Global investors are latching onto Brazil’s newfound strength, too. Deputy Trade Minister Welber Barral says foreign direct investment is expected to grow by 33% in 2010 – from $30 billion to $40 billion.

Here’s how to cash in on that strength yourself…

How to Benefit From Oil Market Muscle and Brazilian Strength Through One Company

Both Investment U’s commodities specialist, Lee Lowell, and energy expert, Dave Fessler, have written about the likelihood of oil prices rising to $90 and then $100 over the next 2-3 months.

You can check out the most recent updates here.

Given their bullish oil price projections and Brazil’s end-of-year strength (and continuing into 2010), one of the best ways this double rising trend is through heavyweight Brazilian oil firm, Petroleo Brasileiro – better known as Petrobras (NYSE: PBR).

As of November 12, the company’s shares had blasted past their five-year average annual return of 42%, surging to a 101% year-to-date gain. Responsible for a good chunk of that gain was the major oil discovery off the coast earlier in 2009. What’s more, it’s still trading for just 14 times earnings.
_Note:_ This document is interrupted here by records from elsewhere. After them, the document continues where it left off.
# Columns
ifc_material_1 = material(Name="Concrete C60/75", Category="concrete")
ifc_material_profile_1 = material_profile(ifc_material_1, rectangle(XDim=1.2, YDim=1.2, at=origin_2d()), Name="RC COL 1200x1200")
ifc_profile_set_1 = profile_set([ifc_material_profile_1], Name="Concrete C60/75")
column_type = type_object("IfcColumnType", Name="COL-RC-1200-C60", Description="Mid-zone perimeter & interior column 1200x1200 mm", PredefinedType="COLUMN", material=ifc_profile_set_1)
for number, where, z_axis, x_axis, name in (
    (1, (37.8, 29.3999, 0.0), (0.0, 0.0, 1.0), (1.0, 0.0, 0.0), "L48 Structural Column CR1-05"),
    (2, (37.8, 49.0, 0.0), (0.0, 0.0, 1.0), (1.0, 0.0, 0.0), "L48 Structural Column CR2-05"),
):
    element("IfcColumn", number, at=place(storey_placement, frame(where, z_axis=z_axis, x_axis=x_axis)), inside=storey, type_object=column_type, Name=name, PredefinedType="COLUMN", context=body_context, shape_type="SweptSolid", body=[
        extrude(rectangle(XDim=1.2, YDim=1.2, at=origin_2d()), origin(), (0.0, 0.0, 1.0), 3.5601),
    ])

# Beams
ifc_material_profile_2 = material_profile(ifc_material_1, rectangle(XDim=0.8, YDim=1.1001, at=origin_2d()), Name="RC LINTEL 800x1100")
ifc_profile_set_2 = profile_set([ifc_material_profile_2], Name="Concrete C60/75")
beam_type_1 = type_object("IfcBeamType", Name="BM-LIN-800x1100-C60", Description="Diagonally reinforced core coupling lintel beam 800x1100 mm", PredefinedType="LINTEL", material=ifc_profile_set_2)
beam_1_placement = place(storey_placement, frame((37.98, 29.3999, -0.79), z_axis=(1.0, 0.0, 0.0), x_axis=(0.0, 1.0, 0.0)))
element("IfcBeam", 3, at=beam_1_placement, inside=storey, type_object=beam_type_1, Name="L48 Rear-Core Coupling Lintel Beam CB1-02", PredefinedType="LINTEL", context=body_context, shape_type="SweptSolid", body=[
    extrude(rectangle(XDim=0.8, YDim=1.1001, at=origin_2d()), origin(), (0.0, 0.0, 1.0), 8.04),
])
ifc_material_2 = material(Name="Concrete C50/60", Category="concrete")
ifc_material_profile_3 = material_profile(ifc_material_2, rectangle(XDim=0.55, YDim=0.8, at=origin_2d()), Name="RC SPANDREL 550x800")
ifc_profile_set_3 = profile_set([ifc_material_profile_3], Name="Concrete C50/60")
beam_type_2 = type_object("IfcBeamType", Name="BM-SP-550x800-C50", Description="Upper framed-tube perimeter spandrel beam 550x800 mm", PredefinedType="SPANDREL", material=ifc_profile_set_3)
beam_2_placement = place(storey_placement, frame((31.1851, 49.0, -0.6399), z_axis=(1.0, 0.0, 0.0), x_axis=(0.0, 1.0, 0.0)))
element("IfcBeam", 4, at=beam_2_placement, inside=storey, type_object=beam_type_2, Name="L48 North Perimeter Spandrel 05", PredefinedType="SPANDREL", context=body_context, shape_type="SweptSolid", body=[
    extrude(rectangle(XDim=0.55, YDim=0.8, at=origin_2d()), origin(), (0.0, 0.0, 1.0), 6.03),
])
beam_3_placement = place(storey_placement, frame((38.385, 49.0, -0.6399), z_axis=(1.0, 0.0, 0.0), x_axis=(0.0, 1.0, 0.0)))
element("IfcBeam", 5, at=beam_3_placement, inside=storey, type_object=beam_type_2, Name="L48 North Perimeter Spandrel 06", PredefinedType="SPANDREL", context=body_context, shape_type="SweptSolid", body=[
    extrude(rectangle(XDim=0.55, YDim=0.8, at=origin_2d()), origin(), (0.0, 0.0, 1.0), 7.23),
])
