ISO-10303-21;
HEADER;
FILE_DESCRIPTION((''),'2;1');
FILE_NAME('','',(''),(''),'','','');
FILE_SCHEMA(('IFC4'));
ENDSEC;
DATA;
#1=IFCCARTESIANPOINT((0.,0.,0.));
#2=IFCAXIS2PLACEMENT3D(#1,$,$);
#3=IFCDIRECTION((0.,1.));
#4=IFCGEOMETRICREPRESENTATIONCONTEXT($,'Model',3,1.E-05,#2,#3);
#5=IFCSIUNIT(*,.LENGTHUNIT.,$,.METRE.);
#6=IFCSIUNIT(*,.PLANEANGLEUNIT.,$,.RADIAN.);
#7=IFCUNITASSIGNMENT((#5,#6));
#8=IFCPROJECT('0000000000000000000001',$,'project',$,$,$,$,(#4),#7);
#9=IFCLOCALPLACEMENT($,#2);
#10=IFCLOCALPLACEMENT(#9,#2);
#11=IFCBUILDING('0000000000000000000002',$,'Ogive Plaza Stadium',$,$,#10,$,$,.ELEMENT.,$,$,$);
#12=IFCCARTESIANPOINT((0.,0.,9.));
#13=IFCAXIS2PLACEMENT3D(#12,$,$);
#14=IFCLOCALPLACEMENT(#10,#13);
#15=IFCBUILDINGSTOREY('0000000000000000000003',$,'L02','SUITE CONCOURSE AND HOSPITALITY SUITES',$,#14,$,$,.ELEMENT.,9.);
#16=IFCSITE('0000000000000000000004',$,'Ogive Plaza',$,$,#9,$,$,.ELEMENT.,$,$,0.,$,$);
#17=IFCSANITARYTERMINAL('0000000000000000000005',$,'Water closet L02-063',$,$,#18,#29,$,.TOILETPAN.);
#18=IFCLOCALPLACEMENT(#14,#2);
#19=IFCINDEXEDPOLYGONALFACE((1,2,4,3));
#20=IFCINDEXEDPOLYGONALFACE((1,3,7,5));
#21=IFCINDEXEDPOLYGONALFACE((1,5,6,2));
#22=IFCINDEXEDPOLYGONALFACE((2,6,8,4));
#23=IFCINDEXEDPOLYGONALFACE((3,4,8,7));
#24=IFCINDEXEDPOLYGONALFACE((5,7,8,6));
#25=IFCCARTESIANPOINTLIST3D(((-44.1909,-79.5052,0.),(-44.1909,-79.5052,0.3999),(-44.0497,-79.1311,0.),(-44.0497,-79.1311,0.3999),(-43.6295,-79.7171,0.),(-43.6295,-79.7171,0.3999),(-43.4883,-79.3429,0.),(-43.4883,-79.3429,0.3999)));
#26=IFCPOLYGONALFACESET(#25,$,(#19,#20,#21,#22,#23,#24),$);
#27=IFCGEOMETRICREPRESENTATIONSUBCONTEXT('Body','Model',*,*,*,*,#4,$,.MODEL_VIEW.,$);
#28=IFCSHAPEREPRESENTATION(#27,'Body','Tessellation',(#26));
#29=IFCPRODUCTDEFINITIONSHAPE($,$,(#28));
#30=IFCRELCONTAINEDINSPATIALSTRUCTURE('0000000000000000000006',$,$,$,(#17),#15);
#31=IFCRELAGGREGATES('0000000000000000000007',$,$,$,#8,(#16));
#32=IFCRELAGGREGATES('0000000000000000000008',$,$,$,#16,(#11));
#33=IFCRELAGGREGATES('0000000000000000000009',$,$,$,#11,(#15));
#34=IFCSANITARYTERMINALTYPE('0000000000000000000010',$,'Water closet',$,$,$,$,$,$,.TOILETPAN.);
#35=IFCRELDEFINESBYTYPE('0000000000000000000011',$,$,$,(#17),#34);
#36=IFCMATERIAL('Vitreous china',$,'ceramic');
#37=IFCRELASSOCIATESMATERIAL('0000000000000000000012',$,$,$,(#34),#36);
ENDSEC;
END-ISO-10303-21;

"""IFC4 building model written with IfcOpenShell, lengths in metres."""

from ifc_helpers import new_model, si_unit, direction, frame, origin, origin_2d, place, context, subcontext, project, spatial, rectangle, extrude, material, type_object, element, save


model = new_model("IFC4")

# Units and contexts
model_context = context("Model", 3, precision=1e-05, world=origin(), true_north=direction((0.0, 1.0)))
body_context = subcontext(model_context, "Body", "Model", "MODEL_VIEW")
ifc_project = project(units=[si_unit("LENGTHUNIT", "METRE"), si_unit("PLANEANGLEUNIT", "RADIAN")], contexts=[model_context])

# Site, building, storey
site_placement = place(None, origin())
site = spatial("IfcSite", under=ifc_project, at=site_placement, Name="Ogive Plaza", CompositionType="ELEMENT", RefElevation=0.0)
building_placement = place(site_placement, origin())
building = spatial("IfcBuilding", under=site, at=building_placement, Name="Ogive Plaza Stadium", CompositionType="ELEMENT")
storey_placement = place(building_placement, frame((0.0, 0.0, 9.0)))
storey = spatial("IfcBuildingStorey", under=building, at=storey_placement, Name="L02", Description="SUITE CONCOURSE AND HOSPITALITY SUITES", CompositionType="ELEMENT", Elevation=9.0)

# Sanitary terminal
ifc_material_1 = material(Name="Vitreous china", Category="ceramic")
sanitary_terminal_type_1 = type_object("IfcSanitaryTerminalType", Name="Water closet", PredefinedType="TOILETPAN", material=ifc_material_1)
for number, where, z_axis, x_axis, name in (
    (1, (-43.8396, -79.4241, 0.0), (0.0, 0.0, 1.0), (-0.353065, -0.935599, 0.0), "Water closet L02-063"),
):
    element("IfcSanitaryTerminal", number, at=place(storey_placement, frame(where, z_axis=z_axis, x_axis=x_axis)), inside=storey, type_object=sanitary_terminal_type_1, Name=name, PredefinedType="TOILETPAN", context=body_context, shape_type="SweptSolid", body=[
        extrude(rectangle(XDim=0.3999, YDim=0.6001, at=origin_2d()), origin(), (0.0, 0.0, 1.0), 0.3999),
    ])

save(model, "model.ifc")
For a broader, more diversified play on Brazil, take a look at the country’s ETF – the iShares MSCI Brazil Index (NYSE: EWZ). It tracks the price and yield performance of Brazilian stocks on the Bovespa.

Best regards,

Martin Denholm

*The views and opinions expressed in this article are those of the author and do not necessarily reflect the official position of Wall Street analysts.